Когда Эдмонд Малоун ушел, Уильям повернулся к отцу:
— Что это вы наговорили про мою благодетельницу? Джентльмен?! Слишком уж вы старательно заметаете следы.
— Мистеру Малоуну приятно думать, что мы ему доверяем.
— Мне плевать, что мистеру Малоуну приятно, а что нет, — отрезал Уильям и бахнул кулаком по полке. — И о каком таком святилище вы толковали?
— Я до поры до времени об этом помалкивал, потому что хотел сделать тебе приятный сюрприз. — Уильям даже не узнал собственных слов в устах отца. — Неужто не понимаешь? Святилище вызовет такой огромный интерес, что от посетителей не будет отбоя.
— Будет, если их не надоумят, что именно надо посещать.

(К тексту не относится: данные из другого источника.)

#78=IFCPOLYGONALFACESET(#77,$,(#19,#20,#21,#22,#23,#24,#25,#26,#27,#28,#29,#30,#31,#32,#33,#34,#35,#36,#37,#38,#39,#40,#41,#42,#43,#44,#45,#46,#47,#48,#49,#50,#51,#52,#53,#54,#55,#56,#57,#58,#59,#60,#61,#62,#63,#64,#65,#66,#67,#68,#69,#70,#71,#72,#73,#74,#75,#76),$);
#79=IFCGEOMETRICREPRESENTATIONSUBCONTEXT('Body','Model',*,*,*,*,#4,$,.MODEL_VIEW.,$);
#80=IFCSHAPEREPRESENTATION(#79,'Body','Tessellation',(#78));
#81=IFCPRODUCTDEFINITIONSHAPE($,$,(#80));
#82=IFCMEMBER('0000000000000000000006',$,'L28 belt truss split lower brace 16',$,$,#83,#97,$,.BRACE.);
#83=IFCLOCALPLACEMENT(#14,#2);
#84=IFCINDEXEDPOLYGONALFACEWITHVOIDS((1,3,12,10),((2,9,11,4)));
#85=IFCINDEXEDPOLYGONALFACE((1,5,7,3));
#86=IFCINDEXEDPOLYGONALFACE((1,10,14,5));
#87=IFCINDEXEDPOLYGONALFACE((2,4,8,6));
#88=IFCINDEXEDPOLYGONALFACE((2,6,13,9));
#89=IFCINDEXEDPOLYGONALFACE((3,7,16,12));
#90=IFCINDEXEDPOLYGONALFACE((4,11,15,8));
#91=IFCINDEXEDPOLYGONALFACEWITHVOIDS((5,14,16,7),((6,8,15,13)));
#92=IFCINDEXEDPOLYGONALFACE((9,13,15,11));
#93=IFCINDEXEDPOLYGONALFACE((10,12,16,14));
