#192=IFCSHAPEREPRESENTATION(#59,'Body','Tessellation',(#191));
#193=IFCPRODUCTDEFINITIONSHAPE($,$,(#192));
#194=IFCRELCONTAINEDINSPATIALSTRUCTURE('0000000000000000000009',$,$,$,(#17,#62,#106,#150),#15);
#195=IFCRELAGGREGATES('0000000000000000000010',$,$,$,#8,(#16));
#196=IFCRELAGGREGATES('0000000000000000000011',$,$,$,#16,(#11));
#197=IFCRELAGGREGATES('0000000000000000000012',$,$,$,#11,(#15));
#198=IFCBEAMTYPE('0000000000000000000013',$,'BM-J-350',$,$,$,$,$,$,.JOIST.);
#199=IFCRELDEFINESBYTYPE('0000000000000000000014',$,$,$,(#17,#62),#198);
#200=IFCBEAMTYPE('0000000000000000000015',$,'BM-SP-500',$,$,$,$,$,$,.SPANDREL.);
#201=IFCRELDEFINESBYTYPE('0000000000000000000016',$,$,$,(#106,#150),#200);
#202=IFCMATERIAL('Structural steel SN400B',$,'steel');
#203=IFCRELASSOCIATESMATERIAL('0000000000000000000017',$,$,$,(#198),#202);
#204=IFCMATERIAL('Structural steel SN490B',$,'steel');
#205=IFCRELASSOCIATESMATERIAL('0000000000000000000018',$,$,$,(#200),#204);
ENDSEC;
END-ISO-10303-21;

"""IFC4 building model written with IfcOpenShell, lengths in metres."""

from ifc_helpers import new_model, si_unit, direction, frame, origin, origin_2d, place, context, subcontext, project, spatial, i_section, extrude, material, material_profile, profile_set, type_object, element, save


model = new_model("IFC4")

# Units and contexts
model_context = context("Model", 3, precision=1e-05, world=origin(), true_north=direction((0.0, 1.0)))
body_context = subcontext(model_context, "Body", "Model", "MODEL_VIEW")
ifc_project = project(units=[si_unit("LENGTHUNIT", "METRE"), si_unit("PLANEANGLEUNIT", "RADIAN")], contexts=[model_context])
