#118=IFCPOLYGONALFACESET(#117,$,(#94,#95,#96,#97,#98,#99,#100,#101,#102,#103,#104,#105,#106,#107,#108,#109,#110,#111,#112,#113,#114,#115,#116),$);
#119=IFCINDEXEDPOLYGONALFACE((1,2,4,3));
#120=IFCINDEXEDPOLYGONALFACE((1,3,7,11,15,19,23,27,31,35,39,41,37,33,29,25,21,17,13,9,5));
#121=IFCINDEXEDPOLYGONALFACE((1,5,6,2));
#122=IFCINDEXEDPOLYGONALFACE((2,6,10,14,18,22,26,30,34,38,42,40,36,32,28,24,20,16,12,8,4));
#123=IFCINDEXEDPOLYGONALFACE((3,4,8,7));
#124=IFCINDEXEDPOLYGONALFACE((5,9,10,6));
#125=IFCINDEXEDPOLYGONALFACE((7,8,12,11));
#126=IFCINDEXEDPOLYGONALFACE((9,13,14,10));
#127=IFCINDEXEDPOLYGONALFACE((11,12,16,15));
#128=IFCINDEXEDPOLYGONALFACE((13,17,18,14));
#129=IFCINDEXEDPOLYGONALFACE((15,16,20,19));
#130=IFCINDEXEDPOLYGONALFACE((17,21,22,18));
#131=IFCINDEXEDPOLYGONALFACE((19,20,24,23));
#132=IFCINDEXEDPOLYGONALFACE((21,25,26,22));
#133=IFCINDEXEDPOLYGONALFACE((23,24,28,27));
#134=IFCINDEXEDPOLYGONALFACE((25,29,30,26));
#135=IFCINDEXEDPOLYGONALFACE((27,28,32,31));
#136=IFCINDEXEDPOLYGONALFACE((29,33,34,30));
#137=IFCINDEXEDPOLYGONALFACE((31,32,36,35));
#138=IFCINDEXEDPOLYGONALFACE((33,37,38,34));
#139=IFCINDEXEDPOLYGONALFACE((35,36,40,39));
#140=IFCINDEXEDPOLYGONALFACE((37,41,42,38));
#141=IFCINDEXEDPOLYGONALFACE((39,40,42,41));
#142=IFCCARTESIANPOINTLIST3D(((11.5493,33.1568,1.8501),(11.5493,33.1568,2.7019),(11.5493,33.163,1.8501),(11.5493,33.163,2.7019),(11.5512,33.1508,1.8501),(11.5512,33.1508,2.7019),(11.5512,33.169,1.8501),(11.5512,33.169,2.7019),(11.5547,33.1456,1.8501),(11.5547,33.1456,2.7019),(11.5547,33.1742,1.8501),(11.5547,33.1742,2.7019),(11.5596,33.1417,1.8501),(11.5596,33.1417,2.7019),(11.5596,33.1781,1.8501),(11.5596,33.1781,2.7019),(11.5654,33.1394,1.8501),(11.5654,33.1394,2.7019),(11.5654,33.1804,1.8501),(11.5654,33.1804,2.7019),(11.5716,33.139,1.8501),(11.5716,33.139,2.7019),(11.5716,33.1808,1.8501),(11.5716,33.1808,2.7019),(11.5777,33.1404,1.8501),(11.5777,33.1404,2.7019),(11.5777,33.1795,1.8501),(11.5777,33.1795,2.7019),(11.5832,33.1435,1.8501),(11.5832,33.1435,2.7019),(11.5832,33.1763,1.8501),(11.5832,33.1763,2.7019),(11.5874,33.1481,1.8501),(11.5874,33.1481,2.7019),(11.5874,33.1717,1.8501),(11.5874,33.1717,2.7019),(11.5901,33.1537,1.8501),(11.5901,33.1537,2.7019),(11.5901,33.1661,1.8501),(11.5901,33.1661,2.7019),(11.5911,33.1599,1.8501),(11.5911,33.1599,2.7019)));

— Оставь свои шуточки, Уильям. Нам необходимо серьезно подготовиться. Документы следует разложить так, чтобы публика могла их рассматривать без помех.
— Здесь? В лавке?
— В моем заведении. Лучшего места не найти. Прилавок у нас накрыт стеклом, есть еще и полки. В витрине поместим вывеску: «Музей Шекспира». За небольшую входную плату…
— Нет! Никакой платы!
— Но плата должна быть, хотя бы мизерная! У двери можно поставить Розу.
— Ни в коем случае! Никаких денег. Ни за что.
Сэмюэла Айрленда удивила горячность сына.
— Ну, если уж ты так не хочешь…
— Не хочу.
— Тогда больше мне сказать нечего.
— И прекрасно.
— Замечу лишь одно. Я ведь, Уильям, человек очень скромного достатка. Ты наши доходы знаешь. На одних книгах разбогатеть невозможно.
— Я не желаю вас слушать, отец.
— Нынче впервые подвернулась возможность поправить наше положение. Шекспир и сам был человеком деловым. Жил на свои доходы. Думаешь, он нас осудил бы?
— Все это делается отнюдь не ради денег, отец.
— А ради чего?
— Ради вас.
— Признаюсь, ничего не понимаю.
Смущенный собственной откровенностью, Уильям рассмеялся:
— Вы мне напоминаете слепого Тиресия. [82] Которого ведет мальчик-поводырь.
— Ты читаешь мои мысли, я как раз это и собирался сказать.
— Такое, отец, мне не в новинку. — Уильям вдруг опустил голову: — Хорошо. Будь по-вашему, выставим находки здесь. Но только, если вы примете мое условие не взимать никакой платы. Я с радостью все покажу, разумеется, соблюдая необходимые меры предосторожности.
82
Тиресий — в греческой мифологии слепой прорицатель из города Фивы, один из персонажей трагедий Софокла и Еврипида.